# Part 2B: Low level API

Goal:
-----

explore h5py functionality to directly access the low level HDF5 API in Python.

h5py exposes the HDF5 low level API, which can be mixed with the high level interface.

[The HDF5 low level API](https://support.hdfgroup.org/HDF5/doc/RM/RM_H5Front.html) is subdivided into sections:
 * H5A : Attributes
 * H5D : Datasets
 * H5F : File interface

(...)

h5py wrap these functions in cython modules:
 * h5py.h5a
 * h5py.h5d
 * h5py.hdf
 
(...)

Most of the wrappers function live in a proxy class. For example the `H5D` functions are contained in the `DatasetID` class.

h5py low level API reference: http://api.h5py.org/index.html

In [3]:
import h5py
import numpy as np

In [90]:
f = h5py.File('dataset.h5', 'w')
f['/data'] = np.arange(100, dtype=np.int8)
f['/data'][:]

array([ 0,  1,  2,  3,  4,  5,  6,  7,  8,  9, 10, 11, 12, 13, 14, 15, 16,
       17, 18, 19, 20, 21, 22, 23, 24, 25, 26, 27, 28, 29, 30, 31, 32, 33,
       34, 35, 36, 37, 38, 39, 40, 41, 42, 43, 44, 45, 46, 47, 48, 49, 50,
       51, 52, 53, 54, 55, 56, 57, 58, 59, 60, 61, 62, 63, 64, 65, 66, 67,
       68, 69, 70, 71, 72, 73, 74, 75, 76, 77, 78, 79, 80, 81, 82, 83, 84,
       85, 86, 87, 88, 89, 90, 91, 92, 93, 94, 95, 96, 97, 98, 99], dtype=int8)

### H5Dget_storage_size() : get size of dataset on disk
```
H5Dget_storage_size
hsize_t H5Dget_storage_size( hid_t dataset_id )
```
HDF5 API reference: https://support.hdfgroup.org/HDF5/doc/RM/RM_H5D.html#Dataset-GetStorageSize

h5py API docs: http://api.h5py.org/h5d.html

In [92]:
dset = f['data']
dset

<HDF5 dataset "data": shape (100,), type "|i1">

In [93]:
dset.id

<h5py.h5d.DatasetID at 0x7f7ae425ed08>

The `DatasetID` class is a proxy object that wrap the H5D API in the Cython module `h5d.pyx`:


In [94]:
dset.id.get_storage_size()

100L

In [95]:
f.close()

## H5Pset_chunk_cache()
https://support.hdfgroup.org/HDF5/doc/RM/RM_H5P.html#Property-SetChunkCache

Setting the file properties (chunk cache size)

Inpired by the `h5py-cache` package by Mike Boyle: https://github.com/moble/h5py_cache
See also: https://stackoverflow.com/questions/14653259/



In [36]:
# create file access properties.

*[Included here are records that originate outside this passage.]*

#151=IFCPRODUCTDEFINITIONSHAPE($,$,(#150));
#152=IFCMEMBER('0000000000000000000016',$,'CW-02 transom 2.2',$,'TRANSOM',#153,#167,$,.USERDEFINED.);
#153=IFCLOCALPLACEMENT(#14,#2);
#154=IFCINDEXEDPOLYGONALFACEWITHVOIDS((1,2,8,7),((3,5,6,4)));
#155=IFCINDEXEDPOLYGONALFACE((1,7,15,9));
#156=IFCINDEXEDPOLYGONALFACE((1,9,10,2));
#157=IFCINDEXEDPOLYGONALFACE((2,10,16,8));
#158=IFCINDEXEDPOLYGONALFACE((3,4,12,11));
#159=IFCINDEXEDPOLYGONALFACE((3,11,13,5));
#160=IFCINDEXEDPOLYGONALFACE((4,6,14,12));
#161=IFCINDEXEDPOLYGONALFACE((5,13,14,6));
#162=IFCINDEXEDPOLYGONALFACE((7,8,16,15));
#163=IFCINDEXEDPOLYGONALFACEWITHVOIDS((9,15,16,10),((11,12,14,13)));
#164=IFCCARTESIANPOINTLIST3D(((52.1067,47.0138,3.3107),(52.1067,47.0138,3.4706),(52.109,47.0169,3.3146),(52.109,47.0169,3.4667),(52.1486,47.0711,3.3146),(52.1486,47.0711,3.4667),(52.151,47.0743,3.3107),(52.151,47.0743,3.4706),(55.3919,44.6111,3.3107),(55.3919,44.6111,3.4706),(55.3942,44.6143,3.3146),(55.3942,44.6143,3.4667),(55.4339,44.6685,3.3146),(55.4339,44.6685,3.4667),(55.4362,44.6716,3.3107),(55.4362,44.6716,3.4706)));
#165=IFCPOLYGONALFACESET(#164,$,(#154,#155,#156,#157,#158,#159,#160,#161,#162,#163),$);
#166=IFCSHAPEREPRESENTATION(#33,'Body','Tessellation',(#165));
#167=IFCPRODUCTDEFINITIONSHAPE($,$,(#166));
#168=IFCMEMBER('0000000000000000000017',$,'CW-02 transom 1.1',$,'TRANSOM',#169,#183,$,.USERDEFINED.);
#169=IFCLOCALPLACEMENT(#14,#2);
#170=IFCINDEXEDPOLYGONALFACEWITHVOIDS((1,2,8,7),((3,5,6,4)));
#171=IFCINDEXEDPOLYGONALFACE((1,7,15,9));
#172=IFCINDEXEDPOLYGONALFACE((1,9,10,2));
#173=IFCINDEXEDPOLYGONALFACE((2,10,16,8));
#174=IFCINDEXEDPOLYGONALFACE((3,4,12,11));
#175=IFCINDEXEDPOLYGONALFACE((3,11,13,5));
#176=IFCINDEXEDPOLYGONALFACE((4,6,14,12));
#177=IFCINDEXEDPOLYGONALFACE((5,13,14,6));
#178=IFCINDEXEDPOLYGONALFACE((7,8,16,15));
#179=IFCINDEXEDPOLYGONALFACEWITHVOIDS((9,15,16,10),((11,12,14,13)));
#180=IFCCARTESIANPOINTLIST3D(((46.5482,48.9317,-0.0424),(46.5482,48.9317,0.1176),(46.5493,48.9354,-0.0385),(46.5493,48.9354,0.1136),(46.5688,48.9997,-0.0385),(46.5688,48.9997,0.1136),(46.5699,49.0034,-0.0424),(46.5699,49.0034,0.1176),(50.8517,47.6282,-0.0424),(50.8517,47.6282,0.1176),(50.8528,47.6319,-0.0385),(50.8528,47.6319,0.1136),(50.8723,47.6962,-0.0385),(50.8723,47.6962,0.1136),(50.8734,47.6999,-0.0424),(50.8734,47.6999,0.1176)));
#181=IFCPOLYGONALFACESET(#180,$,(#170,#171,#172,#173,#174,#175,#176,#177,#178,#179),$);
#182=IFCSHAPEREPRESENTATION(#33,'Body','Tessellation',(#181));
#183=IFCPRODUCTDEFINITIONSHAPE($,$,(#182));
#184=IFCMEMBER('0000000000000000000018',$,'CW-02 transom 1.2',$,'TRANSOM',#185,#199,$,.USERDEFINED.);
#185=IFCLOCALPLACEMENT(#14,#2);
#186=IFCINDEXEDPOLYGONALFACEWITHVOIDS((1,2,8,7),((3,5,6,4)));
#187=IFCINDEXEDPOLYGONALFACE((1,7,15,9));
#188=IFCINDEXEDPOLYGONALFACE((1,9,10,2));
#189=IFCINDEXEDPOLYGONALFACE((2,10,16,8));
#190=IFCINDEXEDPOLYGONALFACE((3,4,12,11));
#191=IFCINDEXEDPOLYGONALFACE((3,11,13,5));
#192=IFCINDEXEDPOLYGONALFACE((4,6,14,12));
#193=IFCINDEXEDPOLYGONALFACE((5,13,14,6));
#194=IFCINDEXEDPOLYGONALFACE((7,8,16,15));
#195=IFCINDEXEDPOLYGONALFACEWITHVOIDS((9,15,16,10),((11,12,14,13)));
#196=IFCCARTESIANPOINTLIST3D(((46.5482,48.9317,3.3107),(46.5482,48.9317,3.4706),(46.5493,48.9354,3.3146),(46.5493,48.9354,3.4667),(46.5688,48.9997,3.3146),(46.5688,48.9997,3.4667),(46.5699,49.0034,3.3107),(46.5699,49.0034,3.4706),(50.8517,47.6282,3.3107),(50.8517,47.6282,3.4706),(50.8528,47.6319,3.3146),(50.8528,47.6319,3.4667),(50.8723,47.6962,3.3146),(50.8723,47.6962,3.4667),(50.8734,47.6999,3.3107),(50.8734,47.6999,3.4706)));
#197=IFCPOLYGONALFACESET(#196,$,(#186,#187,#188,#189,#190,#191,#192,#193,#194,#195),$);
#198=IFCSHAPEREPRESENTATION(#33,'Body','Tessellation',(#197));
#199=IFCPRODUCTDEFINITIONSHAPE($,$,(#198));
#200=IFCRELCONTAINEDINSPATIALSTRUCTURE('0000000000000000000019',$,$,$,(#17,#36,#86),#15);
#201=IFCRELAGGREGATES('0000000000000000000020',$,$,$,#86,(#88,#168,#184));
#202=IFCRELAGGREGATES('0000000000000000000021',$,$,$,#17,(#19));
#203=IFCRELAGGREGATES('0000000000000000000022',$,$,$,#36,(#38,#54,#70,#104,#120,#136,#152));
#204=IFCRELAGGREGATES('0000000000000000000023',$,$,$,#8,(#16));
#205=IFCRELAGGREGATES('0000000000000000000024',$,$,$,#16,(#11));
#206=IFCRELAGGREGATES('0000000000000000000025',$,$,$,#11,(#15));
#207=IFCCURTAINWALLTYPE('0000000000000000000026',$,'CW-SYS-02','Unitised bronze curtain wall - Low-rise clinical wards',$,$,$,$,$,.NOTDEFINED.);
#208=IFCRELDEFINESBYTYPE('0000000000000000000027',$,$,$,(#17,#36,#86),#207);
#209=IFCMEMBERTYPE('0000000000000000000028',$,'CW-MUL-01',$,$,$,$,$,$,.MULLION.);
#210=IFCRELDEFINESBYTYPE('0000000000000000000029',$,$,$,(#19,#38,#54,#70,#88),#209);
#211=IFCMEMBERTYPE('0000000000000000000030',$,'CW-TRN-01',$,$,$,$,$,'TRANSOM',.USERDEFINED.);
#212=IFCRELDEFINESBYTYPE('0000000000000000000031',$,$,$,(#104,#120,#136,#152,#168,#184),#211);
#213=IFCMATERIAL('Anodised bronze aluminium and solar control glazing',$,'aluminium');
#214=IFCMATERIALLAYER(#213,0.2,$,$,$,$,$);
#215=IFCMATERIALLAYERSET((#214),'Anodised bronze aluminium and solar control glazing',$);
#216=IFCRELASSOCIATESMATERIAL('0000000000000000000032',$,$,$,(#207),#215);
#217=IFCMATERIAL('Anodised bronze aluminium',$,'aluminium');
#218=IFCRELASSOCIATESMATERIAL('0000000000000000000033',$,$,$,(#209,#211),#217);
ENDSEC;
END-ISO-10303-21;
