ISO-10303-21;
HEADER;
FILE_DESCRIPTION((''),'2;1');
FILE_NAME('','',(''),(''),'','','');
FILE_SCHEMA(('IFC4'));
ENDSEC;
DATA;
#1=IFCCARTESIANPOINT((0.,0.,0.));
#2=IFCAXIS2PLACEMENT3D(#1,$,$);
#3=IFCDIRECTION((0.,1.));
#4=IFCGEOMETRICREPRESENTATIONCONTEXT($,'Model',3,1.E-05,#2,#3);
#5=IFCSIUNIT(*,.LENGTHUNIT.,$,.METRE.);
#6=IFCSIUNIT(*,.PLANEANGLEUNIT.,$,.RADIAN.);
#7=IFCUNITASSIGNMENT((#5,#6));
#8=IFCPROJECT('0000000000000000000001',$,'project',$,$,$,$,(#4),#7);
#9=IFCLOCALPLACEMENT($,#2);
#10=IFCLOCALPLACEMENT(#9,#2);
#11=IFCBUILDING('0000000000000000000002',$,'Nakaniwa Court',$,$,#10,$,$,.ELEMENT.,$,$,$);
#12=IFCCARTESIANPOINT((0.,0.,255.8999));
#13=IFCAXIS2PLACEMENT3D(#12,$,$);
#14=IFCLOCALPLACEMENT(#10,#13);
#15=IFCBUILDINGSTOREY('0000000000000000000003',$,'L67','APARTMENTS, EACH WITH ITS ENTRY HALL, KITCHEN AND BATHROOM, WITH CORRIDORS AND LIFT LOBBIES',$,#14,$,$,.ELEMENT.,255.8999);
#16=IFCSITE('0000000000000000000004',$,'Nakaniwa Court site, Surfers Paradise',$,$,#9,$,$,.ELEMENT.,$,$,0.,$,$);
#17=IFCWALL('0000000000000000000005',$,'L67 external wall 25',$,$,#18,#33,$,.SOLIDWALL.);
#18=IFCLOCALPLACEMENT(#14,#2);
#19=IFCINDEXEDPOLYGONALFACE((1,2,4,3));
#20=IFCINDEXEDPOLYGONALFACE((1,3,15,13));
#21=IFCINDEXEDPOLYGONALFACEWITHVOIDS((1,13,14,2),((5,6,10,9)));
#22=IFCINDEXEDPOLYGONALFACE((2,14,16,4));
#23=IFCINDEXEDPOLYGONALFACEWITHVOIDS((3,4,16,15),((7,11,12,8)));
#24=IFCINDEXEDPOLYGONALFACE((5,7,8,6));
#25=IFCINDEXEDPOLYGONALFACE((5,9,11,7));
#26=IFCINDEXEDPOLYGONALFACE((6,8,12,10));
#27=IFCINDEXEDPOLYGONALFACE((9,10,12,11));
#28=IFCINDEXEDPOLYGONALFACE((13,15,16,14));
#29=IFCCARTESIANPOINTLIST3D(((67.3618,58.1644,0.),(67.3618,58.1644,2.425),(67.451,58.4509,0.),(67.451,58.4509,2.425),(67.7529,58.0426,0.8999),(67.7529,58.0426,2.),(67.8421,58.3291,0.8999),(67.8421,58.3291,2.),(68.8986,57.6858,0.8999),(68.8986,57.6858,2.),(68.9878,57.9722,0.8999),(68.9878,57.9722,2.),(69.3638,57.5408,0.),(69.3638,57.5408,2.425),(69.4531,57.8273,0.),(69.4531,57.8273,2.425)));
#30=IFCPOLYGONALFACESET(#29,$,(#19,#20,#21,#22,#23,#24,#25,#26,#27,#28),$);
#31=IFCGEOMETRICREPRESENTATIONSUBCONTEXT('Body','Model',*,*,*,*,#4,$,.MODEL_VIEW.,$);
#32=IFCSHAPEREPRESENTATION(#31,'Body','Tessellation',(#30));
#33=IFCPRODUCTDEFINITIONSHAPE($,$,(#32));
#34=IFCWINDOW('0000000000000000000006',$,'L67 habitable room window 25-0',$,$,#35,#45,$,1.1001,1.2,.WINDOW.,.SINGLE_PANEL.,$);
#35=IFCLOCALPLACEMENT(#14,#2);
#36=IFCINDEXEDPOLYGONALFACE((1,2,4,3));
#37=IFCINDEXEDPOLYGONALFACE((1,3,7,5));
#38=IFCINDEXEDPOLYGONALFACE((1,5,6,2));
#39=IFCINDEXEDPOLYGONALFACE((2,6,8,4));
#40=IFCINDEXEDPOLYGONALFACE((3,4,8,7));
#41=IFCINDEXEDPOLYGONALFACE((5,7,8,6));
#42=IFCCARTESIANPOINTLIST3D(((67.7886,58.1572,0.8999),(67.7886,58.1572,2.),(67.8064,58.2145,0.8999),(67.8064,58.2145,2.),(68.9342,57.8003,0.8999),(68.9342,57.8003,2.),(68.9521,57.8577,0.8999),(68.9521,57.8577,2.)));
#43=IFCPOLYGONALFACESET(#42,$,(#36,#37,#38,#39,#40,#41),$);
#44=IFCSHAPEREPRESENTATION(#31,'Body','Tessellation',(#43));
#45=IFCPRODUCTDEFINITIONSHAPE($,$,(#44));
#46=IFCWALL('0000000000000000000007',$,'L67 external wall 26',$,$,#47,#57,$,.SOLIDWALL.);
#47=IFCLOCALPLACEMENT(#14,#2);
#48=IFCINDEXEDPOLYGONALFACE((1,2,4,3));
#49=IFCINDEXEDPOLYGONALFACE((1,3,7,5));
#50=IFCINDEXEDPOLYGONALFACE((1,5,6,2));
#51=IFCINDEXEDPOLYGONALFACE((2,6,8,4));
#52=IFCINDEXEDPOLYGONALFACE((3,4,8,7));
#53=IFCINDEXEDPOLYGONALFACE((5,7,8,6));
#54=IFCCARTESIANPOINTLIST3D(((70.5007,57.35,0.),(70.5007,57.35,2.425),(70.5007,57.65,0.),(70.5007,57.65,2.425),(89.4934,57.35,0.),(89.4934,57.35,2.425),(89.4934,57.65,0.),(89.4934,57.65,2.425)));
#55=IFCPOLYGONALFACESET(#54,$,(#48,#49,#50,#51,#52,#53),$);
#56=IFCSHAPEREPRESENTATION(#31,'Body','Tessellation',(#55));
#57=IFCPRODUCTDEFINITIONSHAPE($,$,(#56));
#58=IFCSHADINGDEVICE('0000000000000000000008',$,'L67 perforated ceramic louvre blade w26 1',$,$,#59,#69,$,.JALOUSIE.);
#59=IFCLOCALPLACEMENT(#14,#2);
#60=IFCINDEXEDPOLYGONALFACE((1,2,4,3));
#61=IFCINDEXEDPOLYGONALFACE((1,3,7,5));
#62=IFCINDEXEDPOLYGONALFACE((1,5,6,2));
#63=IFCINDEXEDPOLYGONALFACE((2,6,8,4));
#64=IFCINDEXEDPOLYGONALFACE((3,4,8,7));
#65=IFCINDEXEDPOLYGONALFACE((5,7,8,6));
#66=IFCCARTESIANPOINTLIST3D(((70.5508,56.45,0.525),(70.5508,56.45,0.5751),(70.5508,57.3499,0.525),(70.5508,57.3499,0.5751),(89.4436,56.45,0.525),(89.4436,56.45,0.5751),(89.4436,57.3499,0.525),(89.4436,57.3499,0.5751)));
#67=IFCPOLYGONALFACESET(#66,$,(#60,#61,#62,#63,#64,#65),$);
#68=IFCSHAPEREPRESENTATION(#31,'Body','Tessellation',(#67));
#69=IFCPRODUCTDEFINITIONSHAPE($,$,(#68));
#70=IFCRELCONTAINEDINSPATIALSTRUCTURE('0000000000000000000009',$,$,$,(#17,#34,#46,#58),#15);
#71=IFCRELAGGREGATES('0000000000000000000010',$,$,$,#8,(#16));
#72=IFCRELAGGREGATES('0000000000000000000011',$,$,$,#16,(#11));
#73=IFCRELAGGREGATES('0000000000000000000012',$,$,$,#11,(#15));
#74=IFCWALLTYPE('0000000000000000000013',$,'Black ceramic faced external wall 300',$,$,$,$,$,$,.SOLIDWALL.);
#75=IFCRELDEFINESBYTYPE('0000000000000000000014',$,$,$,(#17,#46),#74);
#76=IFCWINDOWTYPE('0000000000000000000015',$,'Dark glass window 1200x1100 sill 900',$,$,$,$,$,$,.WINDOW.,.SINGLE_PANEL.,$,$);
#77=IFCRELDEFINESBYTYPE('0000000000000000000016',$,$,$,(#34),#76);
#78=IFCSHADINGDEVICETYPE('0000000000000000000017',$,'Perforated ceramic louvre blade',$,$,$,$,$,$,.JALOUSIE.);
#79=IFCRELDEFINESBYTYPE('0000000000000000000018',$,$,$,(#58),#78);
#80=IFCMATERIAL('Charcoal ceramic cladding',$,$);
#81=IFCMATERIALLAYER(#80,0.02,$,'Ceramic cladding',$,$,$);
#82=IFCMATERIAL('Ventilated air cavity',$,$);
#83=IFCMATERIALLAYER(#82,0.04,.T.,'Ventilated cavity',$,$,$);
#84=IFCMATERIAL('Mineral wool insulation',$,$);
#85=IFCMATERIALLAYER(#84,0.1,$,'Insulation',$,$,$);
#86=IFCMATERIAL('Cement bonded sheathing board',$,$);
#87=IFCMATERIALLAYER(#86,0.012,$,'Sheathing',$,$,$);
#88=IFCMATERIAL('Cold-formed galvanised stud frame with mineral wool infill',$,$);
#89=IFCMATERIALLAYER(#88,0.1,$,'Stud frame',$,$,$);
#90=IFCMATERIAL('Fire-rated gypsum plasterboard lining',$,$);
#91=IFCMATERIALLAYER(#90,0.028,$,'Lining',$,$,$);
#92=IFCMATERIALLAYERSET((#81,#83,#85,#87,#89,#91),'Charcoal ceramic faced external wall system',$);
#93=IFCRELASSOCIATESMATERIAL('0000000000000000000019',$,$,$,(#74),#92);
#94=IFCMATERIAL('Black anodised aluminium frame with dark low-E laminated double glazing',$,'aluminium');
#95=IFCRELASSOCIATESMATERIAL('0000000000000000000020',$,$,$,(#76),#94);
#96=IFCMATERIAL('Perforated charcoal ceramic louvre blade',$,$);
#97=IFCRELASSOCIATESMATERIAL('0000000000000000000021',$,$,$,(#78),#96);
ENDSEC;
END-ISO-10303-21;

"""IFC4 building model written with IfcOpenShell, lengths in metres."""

from ifc_helpers import new_model, si_unit, direction, frame, frame_2d, origin, origin_2d, place, context, subcontext, project, spatial, rectangle, extrude, material, layer, layer_set, material_profile, profile_set, type_object, element, fill, save


model = new_model("IFC4")

# Units and contexts
model_context = context("Model", 3, precision=1e-05, world=origin(), true_north=direction((0.0, 1.0)))
body_context = subcontext(model_context, "Body", "Model", "MODEL_VIEW")
ifc_project = project(units=[si_unit("LENGTHUNIT", "METRE"), si_unit("PLANEANGLEUNIT", "RADIAN")], contexts=[model_context])

# Site, building, storey
site_placement = place(None, origin())
site = spatial("IfcSite", under=ifc_project, at=site_placement, Name="Nakaniwa Court site, Surfers Paradise", CompositionType="ELEMENT", RefElevation=0.0)
building_placement = place(site_placement, origin())
building = spatial("IfcBuilding", under=site, at=building_placement, Name="Nakaniwa Court", CompositionType="ELEMENT")
storey_placement = place(building_placement, frame((0.0, 0.0, 255.8999)))
storey = spatial("IfcBuildingStorey", under=building, at=storey_placement, Name="L67", Description="APARTMENTS, EACH WITH ITS ENTRY HALL, KITCHEN AND BATHROOM, WITH CORRIDORS AND LIFT LOBBIES", CompositionType="ELEMENT", Elevation=255.8999)

# Wall, opening, window
ifc_material_1 = material(Name="Charcoal ceramic cladding")
ifc_layer_1 = layer(ifc_material_1, 0.02, Name="Ceramic cladding")
ifc_material_2 = material(Name="Ventilated air cavity")
ifc_layer_2 = layer(ifc_material_2, 0.04, ventilated=True, Name="Ventilated cavity")
ifc_material_3 = material(Name="Mineral wool insulation")
ifc_layer_3 = layer(ifc_material_3, 0.1, Name="Insulation")
ifc_material_4 = material(Name="Cement bonded sheathing board")
ifc_layer_4 = layer(ifc_material_4, 0.012, Name="Sheathing")
ifc_material_5 = material(Name="Cold-formed galvanised stud frame with mineral wool infill")
ifc_layer_5 = layer(ifc_material_5, 0.1, Name="Stud frame")
ifc_material_6 = material(Name="Fire-rated gypsum plasterboard lining")
ifc_layer_6 = layer(ifc_material_6, 0.028, Name="Lining")
ifc_layer_set_1 = layer_set([ifc_layer_1, ifc_layer_2, ifc_layer_3, ifc_layer_4, ifc_layer_5, ifc_layer_6], Name="Charcoal ceramic faced external wall system")
wall_type_1 = type_object("IfcWallType", Name="Black ceramic faced external wall 300", PredefinedType="SOLIDWALL", material=ifc_layer_set_1)
ifc_material_7 = material(Name="Black anodised aluminium frame with dark low-E laminated double glazing", Category="aluminium")
window_type_1 = type_object("IfcWindowType", Name="Dark glass window 1200x1100 sill 900", PartitioningType="SINGLE_PANEL", PredefinedType="WINDOW", material=ifc_material_7)
wall_1_placement = place(storey_placement, frame((67.4065, 58.3076, 0.0), z_axis=(0.0, 0.0, 1.0), x_axis=(0.954761, -0.297373, 0.0)))
wall_1 = element("IfcWall", 1, at=wall_1_placement, inside=storey, type_object=wall_type_1, Name="L67 external wall 25", PredefinedType="SOLIDWALL", context=body_context, shape_type="SweptSolid", body=[
    extrude(rectangle(XDim=2.0969, YDim=0.3, at=frame_2d((1.0483, 0.0))), origin(), (0.0, 0.0, 1.0), 2.425),
])
opening_1_placement = place(wall_1_placement, frame((0.4094, 0.0, 0.8999)))
opening_1 = element("IfcOpeningElement", 2, at=opening_1_placement, cuts=wall_1, PredefinedType="OPENING", context=body_context, shape_type="SweptSolid", body=[
    extrude(rectangle(XDim=1.2, YDim=1.1001, at=frame_2d((0.6001, 0.55))), frame((0.0, 0.1599, 0.0), z_axis=(0.0, -1.0, 0.0), x_axis=(1.0, 0.0, 0.0)), (0.0, 0.0, 1.0), 0.3201),
])
window_1_placement = place(opening_1_placement, origin())
window_1 = element("IfcWindow", 3, at=window_1_placement, inside=storey, type_object=window_type_1, Name="L67 habitable room window 25-0", OverallHeight=1.1001, OverallWidth=1.2, PartitioningType="SINGLE_PANEL", PredefinedType="WINDOW", context=body_context, shape_type="SweptSolid", body=[
    extrude(rectangle(XDim=1.2, YDim=1.1001, at=frame_2d((0.6001, 0.55))), frame((0.0, 0.03, 0.0), z_axis=(0.0, -1.0, 0.0), x_axis=(1.0, 0.0, 0.0)), (0.0, 0.0, 1.0), 0.0601),
])
fill(opening_1, window_1)

# Wall
wall_2_placement = place(storey_placement, frame((70.5007, 57.5, 0.0), z_axis=(0.0, 0.0, 1.0), x_axis=(1.0, 0.0, 0.0)))
element("IfcWall", 4, at=wall_2_placement, inside=storey, type_object=wall_type_1, Name="L67 external wall 26", PredefinedType="SOLIDWALL", context=body_context, shape_type="SweptSolid", body=[
    extrude(rectangle(XDim=18.9927, YDim=0.3, at=frame_2d((9.4963, 0.0))), origin(), (0.0, 0.0, 1.0), 2.425),
])

# Shading device
ifc_material_8 = material(Name="Perforated charcoal ceramic louvre blade")
ifc_material_profile_1 = material_profile(ifc_material_8, rectangle(XDim=0.8999, YDim=0.05, at=origin_2d()), Name="Perforated ceramic louvre blade")
ifc_profile_set_1 = profile_set([ifc_material_profile_1], Name="Perforated charcoal ceramic louvre blade")
shading_device_type = type_object("IfcShadingDeviceType", Name="Perforated ceramic louvre blade", PredefinedType="JALOUSIE", material=ifc_profile_set_1)
shading_device_placement = place(storey_placement, frame((70.5508, 56.8999, 0.55), z_axis=(1.0, 0.0, 0.0), x_axis=(0.0, 1.0, 0.0)))
element("IfcShadingDevice", 5, at=shading_device_placement, inside=storey, type_object=shading_device_type, Name="L67 perforated ceramic louvre blade w26 1", PredefinedType="JALOUSIE", context=body_context, shape_type="SweptSolid", body=[
    extrude(rectangle(XDim=0.8999, YDim=0.05, at=origin_2d()), origin(), (0.0, 0.0, 1.0), 18.8928),
])

save(model, "model.ifc")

H5Pcreate()
propfaid = h5py.h5p.create(h5py.h5p.FILE_ACCESS)

In [37]:
settings = list(propfaid.get_cache())
settings

[0, 521, 1048576, 0.75]

In [38]:
nslots = 521
chunk_cache_mem_size = 2 * 1024 * 1024  
w0 = 0.75
settings[1:] = (nslots, chunk_cache_mem_size, w0)

# 
propfaid.set_cache(*settings)

In [32]:
# open the file
mode = h5py.h5f.ACC_TRUNC
f = h5py.File(h5py.h5f.create(b'newfile.h5', flags=mode, fapl=propfaid))

`We now have a "regular" (high-level interface) `h5py.File` object:

In [33]:
f['some_dataset'] = [0, 1, 2]

In [34]:
list(f)

['some_dataset']

In [42]:
f.close()

ValueError: Not a file id (Not a file id)

# Exercise (Low level API)

* h5py low level API http://api.h5py.org
* HDF5 API reference https://support.hdfgroup.org/HDF5/doc/RM/RM_H5.html

- Create (or open, there's a difference!) a file using the HDF5 low level API.
- Investigate the objects returned by each call
- Use it in the high level API.
- Close it.


# Excercise (Parallel HDF5)

Create a parallel version of the Mandelbrot demonstration (SMWR).

No Parallel HDF5: Use multiprocessing to "roll your own".